Thursday, 3 December 2015

Reflected Brilliance and Volatility

Day 4 (Friday 4th December 2015)

4 is the smallest number of colours sufficient to shade the countries on a planar map.
In 1852 Francis Guthrie guessed that the answer is 4 for any map, no matter what shape the countries take.
This concept was only claimed to be proved in 1976 by Wolfgang Haken and Kenneth Appel, but their proof is so 

complicated, involving significant computing calculations, so it has been almost impossible to check.

It gives me great pleasure to introduce Mark Husband, the Managing Director of specialist Legal headhunters, Cogence Search. You can follow Cogence on Twitter or indeed Mark himself via @MarkHusband. I first met Mark when I was HR Director for an eminent international law firm - he and his team worked with us to achieve some significant lateral hires. Mark is a former litigator and has a genuine passion for the legal sector, as well as his business. Mark's Advent post is candid and, unlike many senior executives working in recruitment, he is prepared to own up to and learn from his mistakes.
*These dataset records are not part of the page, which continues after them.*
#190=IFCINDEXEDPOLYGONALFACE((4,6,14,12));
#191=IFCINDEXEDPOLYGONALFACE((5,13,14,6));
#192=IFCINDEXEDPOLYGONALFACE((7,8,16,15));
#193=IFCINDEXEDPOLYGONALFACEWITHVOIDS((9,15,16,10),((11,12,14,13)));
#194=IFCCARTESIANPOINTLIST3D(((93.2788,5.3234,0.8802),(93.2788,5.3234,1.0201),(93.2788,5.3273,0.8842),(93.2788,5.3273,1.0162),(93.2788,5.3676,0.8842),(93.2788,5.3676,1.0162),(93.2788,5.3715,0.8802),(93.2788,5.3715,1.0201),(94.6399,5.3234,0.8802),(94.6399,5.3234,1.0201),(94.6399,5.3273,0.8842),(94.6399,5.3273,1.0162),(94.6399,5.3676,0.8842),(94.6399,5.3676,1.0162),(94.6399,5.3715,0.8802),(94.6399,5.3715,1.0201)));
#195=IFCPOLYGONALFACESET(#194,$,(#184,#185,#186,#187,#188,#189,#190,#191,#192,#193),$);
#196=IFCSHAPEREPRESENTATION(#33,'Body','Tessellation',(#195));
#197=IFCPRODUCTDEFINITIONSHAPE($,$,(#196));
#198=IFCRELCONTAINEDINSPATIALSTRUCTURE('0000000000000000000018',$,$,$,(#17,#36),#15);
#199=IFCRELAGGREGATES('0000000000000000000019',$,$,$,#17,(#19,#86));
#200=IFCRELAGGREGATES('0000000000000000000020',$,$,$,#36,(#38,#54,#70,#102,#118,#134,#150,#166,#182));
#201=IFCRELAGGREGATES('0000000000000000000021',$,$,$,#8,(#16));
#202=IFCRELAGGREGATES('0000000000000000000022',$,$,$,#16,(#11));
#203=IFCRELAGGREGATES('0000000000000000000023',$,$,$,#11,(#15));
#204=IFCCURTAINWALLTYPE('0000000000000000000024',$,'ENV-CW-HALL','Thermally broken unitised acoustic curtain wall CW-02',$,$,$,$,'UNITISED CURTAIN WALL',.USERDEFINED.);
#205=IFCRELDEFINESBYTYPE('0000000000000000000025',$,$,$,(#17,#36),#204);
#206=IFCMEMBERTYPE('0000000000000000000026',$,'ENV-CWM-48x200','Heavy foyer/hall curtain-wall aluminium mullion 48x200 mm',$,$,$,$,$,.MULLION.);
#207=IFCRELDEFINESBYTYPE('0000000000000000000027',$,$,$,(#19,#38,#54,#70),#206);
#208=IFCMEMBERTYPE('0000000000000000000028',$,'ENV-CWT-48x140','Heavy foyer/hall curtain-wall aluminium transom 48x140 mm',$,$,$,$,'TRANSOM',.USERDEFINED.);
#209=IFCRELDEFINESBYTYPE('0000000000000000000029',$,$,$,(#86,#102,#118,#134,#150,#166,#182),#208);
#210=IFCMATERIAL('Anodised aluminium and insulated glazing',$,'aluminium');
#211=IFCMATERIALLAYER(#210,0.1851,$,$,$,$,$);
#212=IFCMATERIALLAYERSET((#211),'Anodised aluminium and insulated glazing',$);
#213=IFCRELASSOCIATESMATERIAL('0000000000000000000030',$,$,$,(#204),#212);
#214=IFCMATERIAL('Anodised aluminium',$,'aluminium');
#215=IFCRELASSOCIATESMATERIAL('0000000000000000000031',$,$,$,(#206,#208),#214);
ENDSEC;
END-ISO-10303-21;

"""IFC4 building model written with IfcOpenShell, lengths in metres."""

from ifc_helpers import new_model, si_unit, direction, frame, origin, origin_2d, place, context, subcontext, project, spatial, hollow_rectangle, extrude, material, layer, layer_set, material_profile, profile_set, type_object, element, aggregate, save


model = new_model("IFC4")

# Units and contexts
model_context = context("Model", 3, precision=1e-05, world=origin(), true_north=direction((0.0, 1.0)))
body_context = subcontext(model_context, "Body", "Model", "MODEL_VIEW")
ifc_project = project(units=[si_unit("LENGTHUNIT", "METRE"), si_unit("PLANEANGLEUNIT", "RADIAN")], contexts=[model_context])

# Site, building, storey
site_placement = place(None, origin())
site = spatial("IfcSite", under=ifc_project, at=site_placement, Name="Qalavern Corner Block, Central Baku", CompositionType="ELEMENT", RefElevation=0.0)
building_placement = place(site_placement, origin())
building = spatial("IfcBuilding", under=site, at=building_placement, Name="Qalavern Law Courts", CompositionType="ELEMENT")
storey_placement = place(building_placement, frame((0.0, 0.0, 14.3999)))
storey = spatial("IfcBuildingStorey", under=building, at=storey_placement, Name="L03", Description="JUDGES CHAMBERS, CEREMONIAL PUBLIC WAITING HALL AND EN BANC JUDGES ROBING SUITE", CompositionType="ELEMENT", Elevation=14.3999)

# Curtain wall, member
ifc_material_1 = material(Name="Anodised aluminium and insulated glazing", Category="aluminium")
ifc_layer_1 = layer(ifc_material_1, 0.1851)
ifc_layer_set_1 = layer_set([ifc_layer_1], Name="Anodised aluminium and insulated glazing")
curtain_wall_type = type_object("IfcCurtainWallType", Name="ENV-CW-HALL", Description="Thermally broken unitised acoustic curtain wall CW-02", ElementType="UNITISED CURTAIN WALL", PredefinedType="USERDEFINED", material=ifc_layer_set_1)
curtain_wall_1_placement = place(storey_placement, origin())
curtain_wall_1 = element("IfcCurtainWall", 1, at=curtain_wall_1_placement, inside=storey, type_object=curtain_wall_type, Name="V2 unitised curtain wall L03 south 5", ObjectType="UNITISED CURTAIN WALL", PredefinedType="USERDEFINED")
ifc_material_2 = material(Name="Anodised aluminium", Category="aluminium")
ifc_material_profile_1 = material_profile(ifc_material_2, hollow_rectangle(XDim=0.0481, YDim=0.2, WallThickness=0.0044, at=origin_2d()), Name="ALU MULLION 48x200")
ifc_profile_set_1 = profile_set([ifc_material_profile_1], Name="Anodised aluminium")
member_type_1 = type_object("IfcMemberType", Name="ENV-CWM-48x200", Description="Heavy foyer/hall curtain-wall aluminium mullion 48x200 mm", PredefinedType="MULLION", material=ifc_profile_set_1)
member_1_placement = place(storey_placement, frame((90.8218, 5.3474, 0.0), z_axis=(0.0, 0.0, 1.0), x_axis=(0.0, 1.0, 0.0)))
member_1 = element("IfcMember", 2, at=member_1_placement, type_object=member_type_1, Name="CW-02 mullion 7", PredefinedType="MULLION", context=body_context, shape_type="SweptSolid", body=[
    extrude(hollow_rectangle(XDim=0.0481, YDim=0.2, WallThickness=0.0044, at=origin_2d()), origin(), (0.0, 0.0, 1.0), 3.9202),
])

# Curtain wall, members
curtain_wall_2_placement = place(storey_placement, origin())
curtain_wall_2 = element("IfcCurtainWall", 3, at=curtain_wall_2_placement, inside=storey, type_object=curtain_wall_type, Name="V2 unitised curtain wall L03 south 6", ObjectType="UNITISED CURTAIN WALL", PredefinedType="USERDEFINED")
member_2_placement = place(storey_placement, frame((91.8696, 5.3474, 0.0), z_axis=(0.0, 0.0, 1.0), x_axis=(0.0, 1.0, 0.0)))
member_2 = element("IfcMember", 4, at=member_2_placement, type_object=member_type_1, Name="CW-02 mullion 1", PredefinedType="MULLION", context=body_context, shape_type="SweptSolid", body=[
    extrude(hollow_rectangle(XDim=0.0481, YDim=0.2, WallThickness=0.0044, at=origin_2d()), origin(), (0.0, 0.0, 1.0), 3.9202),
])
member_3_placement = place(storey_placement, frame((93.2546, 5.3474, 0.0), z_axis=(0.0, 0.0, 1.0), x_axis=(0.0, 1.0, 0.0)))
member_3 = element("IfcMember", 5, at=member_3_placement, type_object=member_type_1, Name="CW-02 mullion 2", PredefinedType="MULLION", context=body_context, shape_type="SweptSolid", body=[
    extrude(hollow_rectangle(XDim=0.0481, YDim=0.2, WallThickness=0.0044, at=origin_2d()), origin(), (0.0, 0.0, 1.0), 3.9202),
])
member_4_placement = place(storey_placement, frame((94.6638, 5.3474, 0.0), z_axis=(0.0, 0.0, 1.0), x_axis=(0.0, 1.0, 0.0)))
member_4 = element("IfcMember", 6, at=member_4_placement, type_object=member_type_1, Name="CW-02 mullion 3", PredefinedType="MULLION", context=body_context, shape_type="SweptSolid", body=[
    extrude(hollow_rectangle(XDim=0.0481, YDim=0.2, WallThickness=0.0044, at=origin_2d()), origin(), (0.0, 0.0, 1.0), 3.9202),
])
I am delighted to welcome him as a contributor and hope that he will become a regular blogger.


Recruitment at every level is a gamble; as in all games of chance the odds are immutable - there is only so much that one can do to mitigate the chance of a loss. People are generally what they seem to be so, as employers and recruiters, we win far more often than we lose.

Cogence Search have been responsible for a host of successful client hires and we have hired lots of great people ourselves, but, in our market, as much as in any other, success has several fathers and failure is an orphan. 
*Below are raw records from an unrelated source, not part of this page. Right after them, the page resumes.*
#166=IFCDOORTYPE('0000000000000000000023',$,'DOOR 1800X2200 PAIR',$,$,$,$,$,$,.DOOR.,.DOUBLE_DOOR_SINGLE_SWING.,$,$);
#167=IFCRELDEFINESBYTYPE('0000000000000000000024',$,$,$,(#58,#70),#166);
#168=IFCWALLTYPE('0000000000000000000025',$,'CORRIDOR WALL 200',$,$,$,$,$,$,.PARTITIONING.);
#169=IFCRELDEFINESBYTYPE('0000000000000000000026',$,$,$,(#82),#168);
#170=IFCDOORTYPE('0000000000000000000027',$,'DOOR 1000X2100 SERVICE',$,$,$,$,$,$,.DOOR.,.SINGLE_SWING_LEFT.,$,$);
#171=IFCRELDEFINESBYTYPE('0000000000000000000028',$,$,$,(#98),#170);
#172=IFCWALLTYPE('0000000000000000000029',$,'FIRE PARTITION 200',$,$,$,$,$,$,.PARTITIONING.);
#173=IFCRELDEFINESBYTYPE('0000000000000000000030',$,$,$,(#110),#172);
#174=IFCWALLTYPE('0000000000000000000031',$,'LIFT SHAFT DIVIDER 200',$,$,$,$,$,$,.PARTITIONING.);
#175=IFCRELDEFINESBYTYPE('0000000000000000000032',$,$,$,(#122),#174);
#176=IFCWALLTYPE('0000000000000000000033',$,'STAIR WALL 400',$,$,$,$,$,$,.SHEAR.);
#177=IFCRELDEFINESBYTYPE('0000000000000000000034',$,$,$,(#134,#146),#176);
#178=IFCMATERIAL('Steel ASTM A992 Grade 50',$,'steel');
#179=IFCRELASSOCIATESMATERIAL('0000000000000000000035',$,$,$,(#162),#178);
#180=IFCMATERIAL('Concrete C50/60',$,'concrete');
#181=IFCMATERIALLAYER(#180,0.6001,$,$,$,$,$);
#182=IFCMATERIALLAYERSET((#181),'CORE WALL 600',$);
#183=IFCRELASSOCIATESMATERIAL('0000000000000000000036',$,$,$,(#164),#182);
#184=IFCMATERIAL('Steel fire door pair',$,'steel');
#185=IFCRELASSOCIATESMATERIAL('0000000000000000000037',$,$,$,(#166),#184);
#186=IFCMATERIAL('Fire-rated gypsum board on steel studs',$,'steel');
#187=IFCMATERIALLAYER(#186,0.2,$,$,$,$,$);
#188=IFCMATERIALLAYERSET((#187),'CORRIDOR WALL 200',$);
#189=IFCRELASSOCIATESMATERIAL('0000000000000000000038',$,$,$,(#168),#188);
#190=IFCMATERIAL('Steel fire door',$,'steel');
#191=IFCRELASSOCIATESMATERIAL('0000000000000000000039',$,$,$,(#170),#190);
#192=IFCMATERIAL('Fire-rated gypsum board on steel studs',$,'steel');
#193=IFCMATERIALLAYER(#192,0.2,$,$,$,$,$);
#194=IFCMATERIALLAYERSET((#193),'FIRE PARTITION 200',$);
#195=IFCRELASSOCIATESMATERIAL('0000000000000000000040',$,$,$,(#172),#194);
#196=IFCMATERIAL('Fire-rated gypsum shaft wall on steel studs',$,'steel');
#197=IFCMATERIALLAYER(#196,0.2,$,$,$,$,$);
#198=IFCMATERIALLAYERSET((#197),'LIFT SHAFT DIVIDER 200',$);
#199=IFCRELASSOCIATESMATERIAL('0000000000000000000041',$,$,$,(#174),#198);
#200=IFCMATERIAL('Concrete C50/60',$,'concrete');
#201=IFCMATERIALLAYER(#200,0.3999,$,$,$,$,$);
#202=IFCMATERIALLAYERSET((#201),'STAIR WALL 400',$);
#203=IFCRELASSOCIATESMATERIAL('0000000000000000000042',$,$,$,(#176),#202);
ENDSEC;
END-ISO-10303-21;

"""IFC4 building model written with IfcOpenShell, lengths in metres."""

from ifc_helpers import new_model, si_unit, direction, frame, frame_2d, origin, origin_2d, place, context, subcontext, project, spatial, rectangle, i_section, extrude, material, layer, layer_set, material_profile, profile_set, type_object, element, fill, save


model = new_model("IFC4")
We all love to talk about our successes but our silence in relation to failures serves no one – least of all ourselves, so I would like to talk about a client hire we supported which did not work out and a hire of our own which was a spectacular failure.

Client Hire – Comet Tail
This person’s CV could not have been better – they had led large corporate practices as a partner in some of the largest firms in the world, their client base was well established, they were genial, a team player and an absolute fit for our client. Six rounds of interviews – innumerable internal discussions and an extremely detailed analysis of the person’s business case were conducted over many months. Our client is a very cautious firm and pre-offer invested in an external non-competing agency to undertake an exhaustive referencing process.
The references were all glowing; nobody had a negative thing to say and where client comfort was sought it was given: the hire proceeded.
Their apparent brilliance was an illusion created by the radiance of the firms they had been part of, absent that they were nothing.

This person was a Comet Tail, a dazzling cloud of ice crystals – ultimately nothing but frozen water made temporarily spectacular by the glow of a nearby star.

Comet Lovejoy near the Pleiades star cluster
Their employment lasted 18 months.

Appearances can be deceptive

Our Hire – Coal Dust
Some time ago we were approached through a recruiter to the recruitment sector with a request that we consider a lateral with a fabulous track record – extraordinary personal billings and exceptional sector experience. Like our clients we went through an exhaustive interview process – we looked at past transactions and gained references. We liked the person, believed in them and invested heavily in them and their future.
As we got to know them through their work we found disturbing inconsistencies: they were by no means as capable as their history would suggest; they were commercially naïve when acumen was advertised and had the emotional maturity of a toddler despite their chronological age.
We found our new colleague could spend inordinate amounts of time doing little followed by absurd bouts of sulking, temper tantrums and attention-seeking behaviour of extraordinary proportions.

This person was Coal Dust: an inert mass capable of doing nothing indefinitely, followed by spontaneous combustion or sudden explosion.
Their employment lasted 18 months.

Coal dust explosion
The temptation when these things happen is to cast about for blame – to look at hiring procedures, to apply 20/20 hindsight or search frantically for people to blame. The truth is that it is very unlikely anything could have been done to prevent an errant hire – unfortunately people do not come with warning labels and once in a while we all suffer the consequences: all that glisters is not gold but not all that is rotten comes with wavy “stink lines” warning of its nature.
Knowing when things have gone wrong and acting quickly to fix them is the only way to beat the bookies. Perhaps the fear of blame, in these circumstances, causes us to delay admitting to ourselves that we have made a bad hire.

May the odds be forever in your favour.